Sebagai informasi, tiga anggota Polres Katingan yang gugur dalam operasi pemberantasan narkotika di Desa Tumbang Kalemei, Kecamatan Katingan Tengah, Kabupaten Katingan, Kalimantan Tengah tersebut telah mendapatkan penghormatan tertinggi. Atas dedikasinya, ketiganya dianugerahi Kenaikan Pangkat Luar Biasa (KPLB) Anumerta, yakni Ipda (Anumerta) Sumariyanto, Aiptu (Anumerta) Yudhie Perdana Putra, dan Briptu (Anumerta) Nopandri Ramadhana.
Tragedi ini bermula pada Rabu (1/7), setelah Satresnarkoba Polres Katingan menerima aduan dari masyarakat terkait dugaan transaksi sabu di desa setempat. Hasil penyelidikan intensif kemudian mengarah kepada seorang terduga pengedar berinisial BIO, yang diketahui merupakan residivis kasus narkotika.
Tim Satresnarkoba segera bergerak ke lokasi dan tiba pada Kamis dini hari untuk melakukan upaya paksa penangkapan. Namun, saat proses penindakan berlangsung, petugas mendapat perlawanan sengit menggunakan senjata tajam.
Meskipun aparat telah melepaskan tembakan peringatan ke udara, serangan dari pelaku terus berlanjut. Situasi memaksa petugas mengambil tindakan tegas dan terukur demi melindungi keselamatan personel di lapangan.

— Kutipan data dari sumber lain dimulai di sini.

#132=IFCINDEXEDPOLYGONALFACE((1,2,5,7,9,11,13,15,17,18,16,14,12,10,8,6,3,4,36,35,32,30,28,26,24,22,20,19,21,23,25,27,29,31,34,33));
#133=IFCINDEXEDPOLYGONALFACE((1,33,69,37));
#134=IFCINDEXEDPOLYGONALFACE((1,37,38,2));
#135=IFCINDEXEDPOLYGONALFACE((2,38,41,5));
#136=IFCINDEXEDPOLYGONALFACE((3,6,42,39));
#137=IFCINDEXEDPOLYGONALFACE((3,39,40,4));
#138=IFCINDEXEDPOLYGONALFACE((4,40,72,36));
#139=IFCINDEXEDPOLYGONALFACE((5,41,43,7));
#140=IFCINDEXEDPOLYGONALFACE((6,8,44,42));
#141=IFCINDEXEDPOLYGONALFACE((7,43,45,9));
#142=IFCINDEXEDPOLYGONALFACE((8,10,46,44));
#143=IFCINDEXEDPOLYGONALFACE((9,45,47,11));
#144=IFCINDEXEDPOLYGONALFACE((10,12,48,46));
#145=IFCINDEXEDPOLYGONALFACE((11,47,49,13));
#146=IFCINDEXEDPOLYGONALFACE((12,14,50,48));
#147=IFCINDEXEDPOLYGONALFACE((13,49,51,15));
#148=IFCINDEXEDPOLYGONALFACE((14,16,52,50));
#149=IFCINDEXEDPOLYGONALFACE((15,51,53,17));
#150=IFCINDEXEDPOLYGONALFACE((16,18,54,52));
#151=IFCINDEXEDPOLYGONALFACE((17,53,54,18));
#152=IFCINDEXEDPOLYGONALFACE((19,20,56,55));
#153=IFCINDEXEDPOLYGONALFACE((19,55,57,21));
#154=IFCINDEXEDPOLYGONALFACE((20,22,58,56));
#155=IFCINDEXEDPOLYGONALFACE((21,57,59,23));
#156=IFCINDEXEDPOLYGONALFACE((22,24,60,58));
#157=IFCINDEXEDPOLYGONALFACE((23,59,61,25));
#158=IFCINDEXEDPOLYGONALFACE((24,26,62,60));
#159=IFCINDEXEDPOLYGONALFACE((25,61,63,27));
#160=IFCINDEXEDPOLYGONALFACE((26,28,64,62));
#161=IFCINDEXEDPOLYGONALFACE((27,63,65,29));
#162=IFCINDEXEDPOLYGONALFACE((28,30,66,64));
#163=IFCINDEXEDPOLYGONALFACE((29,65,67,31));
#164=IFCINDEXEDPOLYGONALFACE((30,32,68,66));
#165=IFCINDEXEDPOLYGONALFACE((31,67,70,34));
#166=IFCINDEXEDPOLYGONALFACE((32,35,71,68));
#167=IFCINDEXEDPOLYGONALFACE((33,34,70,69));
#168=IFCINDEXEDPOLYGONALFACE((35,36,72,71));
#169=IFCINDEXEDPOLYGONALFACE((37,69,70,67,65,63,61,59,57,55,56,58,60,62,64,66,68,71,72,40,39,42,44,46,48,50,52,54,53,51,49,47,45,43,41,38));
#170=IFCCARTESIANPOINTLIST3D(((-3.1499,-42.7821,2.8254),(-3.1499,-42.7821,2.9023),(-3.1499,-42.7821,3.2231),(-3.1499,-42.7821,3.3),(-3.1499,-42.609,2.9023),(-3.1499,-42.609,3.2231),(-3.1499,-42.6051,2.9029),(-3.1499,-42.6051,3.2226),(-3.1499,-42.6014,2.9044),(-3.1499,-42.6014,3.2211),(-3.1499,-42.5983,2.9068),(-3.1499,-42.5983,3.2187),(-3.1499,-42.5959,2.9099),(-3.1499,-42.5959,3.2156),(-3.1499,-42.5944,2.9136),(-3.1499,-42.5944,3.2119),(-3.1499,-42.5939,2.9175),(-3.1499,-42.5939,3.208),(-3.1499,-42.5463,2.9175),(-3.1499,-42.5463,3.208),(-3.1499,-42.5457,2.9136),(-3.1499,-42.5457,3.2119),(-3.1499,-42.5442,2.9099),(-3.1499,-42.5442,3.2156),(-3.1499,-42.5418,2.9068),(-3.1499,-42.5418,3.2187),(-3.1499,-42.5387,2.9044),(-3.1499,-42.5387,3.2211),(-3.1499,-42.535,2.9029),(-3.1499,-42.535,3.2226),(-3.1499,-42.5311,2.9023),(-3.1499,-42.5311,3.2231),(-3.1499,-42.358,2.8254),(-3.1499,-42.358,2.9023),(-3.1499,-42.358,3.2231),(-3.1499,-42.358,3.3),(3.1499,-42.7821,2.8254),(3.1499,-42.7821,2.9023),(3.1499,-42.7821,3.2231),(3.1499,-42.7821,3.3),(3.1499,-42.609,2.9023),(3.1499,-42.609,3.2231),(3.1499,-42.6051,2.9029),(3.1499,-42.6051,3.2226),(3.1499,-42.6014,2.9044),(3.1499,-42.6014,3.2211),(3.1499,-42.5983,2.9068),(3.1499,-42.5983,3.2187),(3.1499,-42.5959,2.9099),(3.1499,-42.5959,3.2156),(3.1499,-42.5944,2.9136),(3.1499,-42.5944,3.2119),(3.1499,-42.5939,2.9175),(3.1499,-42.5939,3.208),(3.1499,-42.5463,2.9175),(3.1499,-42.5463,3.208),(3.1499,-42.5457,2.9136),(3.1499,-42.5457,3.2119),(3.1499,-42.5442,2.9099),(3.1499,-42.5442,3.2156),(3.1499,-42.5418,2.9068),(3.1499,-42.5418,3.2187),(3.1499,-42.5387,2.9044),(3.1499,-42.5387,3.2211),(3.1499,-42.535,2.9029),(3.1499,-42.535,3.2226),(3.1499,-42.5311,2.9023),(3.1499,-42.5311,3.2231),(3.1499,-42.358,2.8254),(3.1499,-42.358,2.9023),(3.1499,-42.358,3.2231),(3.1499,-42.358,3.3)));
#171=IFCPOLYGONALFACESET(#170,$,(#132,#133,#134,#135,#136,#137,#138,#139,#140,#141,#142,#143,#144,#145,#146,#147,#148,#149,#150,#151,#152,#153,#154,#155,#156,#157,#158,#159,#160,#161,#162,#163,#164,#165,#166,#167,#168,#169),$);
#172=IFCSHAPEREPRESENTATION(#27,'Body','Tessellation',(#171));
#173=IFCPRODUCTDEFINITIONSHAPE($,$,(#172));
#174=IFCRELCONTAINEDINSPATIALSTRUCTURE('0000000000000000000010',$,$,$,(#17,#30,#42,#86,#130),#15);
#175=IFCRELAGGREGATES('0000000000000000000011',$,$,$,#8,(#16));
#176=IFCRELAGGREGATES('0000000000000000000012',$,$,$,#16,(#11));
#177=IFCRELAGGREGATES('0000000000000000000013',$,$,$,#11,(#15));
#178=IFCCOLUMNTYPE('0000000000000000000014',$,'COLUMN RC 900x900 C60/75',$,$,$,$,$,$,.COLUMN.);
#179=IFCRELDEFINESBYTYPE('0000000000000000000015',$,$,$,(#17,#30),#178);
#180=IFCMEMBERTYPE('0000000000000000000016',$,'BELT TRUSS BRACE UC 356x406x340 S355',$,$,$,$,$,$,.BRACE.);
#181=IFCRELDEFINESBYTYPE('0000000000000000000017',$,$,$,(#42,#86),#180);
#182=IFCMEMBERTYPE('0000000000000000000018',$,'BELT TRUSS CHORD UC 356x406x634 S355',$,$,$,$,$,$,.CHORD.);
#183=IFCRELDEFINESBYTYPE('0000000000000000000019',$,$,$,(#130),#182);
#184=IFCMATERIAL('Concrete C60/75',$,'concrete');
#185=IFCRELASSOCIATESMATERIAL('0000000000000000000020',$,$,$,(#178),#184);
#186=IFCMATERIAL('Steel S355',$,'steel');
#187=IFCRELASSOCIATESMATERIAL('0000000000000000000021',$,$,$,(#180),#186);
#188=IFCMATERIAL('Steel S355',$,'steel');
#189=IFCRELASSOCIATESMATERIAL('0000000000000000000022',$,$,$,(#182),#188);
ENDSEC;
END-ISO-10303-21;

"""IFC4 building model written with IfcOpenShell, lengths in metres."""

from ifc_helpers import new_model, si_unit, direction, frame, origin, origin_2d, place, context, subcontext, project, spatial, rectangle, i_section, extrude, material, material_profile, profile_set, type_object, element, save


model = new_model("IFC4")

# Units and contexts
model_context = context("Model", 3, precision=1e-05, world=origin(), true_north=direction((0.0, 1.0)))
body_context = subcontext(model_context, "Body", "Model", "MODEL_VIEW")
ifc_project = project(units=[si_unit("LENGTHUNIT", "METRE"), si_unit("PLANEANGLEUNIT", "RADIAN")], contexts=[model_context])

Kondisi kian tidak kondusif ketika pihak keluarga terduga pelaku bersama sejumlah warga setempat diduga ikut melakukan penyerangan massal terhadap petugas. Mereka merangsek menggunakan kombinasi senjata tajam, senjata api rakitan, serta berbagai benda berbahaya lainnya.

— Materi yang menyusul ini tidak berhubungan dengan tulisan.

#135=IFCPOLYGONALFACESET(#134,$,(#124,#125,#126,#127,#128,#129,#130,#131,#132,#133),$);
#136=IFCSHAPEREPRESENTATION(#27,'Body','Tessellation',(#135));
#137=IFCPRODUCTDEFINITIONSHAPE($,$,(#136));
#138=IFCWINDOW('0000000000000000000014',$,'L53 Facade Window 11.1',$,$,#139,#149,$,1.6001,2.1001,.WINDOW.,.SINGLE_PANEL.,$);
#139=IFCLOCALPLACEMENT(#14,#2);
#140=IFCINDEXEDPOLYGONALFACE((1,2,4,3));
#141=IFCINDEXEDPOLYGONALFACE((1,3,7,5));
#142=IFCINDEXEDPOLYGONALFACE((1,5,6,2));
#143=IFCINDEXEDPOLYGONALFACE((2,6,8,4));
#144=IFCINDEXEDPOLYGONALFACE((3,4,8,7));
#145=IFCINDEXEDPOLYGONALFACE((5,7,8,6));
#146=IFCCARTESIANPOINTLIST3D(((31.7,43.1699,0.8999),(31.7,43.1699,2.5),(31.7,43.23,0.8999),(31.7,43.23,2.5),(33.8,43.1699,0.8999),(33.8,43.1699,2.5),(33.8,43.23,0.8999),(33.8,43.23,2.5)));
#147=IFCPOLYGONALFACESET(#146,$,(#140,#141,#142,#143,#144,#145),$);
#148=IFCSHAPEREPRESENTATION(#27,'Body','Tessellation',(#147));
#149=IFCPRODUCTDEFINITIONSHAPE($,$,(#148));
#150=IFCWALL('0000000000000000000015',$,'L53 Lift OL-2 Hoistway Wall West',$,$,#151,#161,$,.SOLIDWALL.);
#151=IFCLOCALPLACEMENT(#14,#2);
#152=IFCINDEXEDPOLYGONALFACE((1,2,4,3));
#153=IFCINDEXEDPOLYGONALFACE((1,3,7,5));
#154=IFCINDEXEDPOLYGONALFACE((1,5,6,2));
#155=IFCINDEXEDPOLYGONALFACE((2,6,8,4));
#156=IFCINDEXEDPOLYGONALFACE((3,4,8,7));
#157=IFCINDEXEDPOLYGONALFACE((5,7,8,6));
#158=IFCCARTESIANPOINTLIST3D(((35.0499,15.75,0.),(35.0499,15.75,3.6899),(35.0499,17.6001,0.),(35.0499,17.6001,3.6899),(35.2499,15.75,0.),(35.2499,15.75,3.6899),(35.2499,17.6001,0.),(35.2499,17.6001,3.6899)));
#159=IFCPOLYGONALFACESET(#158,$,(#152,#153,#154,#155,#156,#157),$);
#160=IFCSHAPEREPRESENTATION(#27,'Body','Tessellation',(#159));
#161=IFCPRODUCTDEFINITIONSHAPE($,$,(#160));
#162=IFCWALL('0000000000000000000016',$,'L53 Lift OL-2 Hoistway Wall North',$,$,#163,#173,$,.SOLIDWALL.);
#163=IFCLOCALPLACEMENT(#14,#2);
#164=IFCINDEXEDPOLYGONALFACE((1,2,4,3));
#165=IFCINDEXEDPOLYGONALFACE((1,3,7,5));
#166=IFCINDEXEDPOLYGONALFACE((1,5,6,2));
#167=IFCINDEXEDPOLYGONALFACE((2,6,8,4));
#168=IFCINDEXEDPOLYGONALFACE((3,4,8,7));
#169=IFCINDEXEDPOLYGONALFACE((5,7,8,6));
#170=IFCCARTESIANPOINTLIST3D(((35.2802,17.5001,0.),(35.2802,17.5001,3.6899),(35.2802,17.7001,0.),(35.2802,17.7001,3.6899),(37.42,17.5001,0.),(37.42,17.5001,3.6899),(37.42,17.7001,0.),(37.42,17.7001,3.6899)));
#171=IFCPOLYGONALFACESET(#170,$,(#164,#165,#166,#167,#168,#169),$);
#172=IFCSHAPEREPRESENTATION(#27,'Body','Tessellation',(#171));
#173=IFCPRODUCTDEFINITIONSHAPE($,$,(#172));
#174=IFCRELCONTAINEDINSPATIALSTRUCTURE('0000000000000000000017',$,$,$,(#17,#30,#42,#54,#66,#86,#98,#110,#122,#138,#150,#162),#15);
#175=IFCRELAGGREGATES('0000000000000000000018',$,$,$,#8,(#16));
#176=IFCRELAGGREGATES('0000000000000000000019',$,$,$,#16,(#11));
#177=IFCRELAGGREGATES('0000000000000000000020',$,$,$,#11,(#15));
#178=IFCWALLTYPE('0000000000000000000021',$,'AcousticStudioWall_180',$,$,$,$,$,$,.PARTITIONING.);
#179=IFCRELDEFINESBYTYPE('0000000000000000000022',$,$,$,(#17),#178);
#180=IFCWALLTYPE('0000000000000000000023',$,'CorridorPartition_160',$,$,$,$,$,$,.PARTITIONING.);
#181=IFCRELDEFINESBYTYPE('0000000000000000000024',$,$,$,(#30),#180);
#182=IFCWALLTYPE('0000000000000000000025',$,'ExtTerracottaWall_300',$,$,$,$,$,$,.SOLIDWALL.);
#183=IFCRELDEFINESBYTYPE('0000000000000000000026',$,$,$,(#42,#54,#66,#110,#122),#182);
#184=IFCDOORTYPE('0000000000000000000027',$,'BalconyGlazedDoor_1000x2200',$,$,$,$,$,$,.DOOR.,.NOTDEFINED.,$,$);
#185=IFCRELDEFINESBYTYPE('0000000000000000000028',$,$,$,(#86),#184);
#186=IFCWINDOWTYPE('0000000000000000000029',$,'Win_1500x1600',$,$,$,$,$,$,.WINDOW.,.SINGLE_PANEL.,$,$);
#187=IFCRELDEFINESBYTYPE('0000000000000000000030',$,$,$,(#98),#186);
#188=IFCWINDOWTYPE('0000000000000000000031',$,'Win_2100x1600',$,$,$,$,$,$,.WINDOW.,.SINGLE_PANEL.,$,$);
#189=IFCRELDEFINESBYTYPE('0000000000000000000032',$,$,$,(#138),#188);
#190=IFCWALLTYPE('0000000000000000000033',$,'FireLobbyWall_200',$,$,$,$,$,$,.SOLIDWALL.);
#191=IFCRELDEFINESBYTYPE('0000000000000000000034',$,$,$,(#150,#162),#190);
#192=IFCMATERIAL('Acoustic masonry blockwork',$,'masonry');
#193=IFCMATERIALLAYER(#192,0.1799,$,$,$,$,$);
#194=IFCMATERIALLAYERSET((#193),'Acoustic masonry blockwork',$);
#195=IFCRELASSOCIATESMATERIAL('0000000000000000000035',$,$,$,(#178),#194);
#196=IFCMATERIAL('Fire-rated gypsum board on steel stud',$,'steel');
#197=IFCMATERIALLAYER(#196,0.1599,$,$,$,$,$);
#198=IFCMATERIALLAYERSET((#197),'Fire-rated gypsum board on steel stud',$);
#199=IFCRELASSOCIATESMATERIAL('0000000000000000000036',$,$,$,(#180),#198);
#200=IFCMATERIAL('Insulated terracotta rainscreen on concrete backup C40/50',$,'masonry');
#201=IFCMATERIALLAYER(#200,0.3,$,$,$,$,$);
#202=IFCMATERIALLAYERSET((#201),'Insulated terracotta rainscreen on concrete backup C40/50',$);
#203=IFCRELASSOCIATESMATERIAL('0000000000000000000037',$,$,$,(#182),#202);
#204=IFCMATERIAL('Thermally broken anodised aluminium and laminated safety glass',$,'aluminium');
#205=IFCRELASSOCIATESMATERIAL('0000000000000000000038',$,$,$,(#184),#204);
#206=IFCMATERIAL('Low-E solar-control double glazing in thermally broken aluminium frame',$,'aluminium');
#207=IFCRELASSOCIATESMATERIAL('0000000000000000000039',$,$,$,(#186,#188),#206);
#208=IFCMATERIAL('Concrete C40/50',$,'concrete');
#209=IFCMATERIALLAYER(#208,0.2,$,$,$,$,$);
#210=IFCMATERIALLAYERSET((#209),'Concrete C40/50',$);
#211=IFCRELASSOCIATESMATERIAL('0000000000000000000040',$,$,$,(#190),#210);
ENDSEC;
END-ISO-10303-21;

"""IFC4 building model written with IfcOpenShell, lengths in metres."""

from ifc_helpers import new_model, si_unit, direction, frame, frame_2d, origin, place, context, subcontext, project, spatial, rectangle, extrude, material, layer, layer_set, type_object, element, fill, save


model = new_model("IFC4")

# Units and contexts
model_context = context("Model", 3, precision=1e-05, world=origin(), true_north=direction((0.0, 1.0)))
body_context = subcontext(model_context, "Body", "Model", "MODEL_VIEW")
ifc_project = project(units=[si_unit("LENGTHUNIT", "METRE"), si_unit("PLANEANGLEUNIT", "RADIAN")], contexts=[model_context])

Melihat situasi yang tidak berimbang, Tim Satresnarkoba berupaya menyelamatkan diri sembari meminta dukungan penebalan personel dari Polres Katingan dan Polsek Katingan Tengah. Dalam proses evakuasi yang menegangkan tersebut, sembilan personel kepolisian berhasil diselamatkan, sementara tiga anggota Polri dilaporkan gugur dalam menjalankan tugas negara.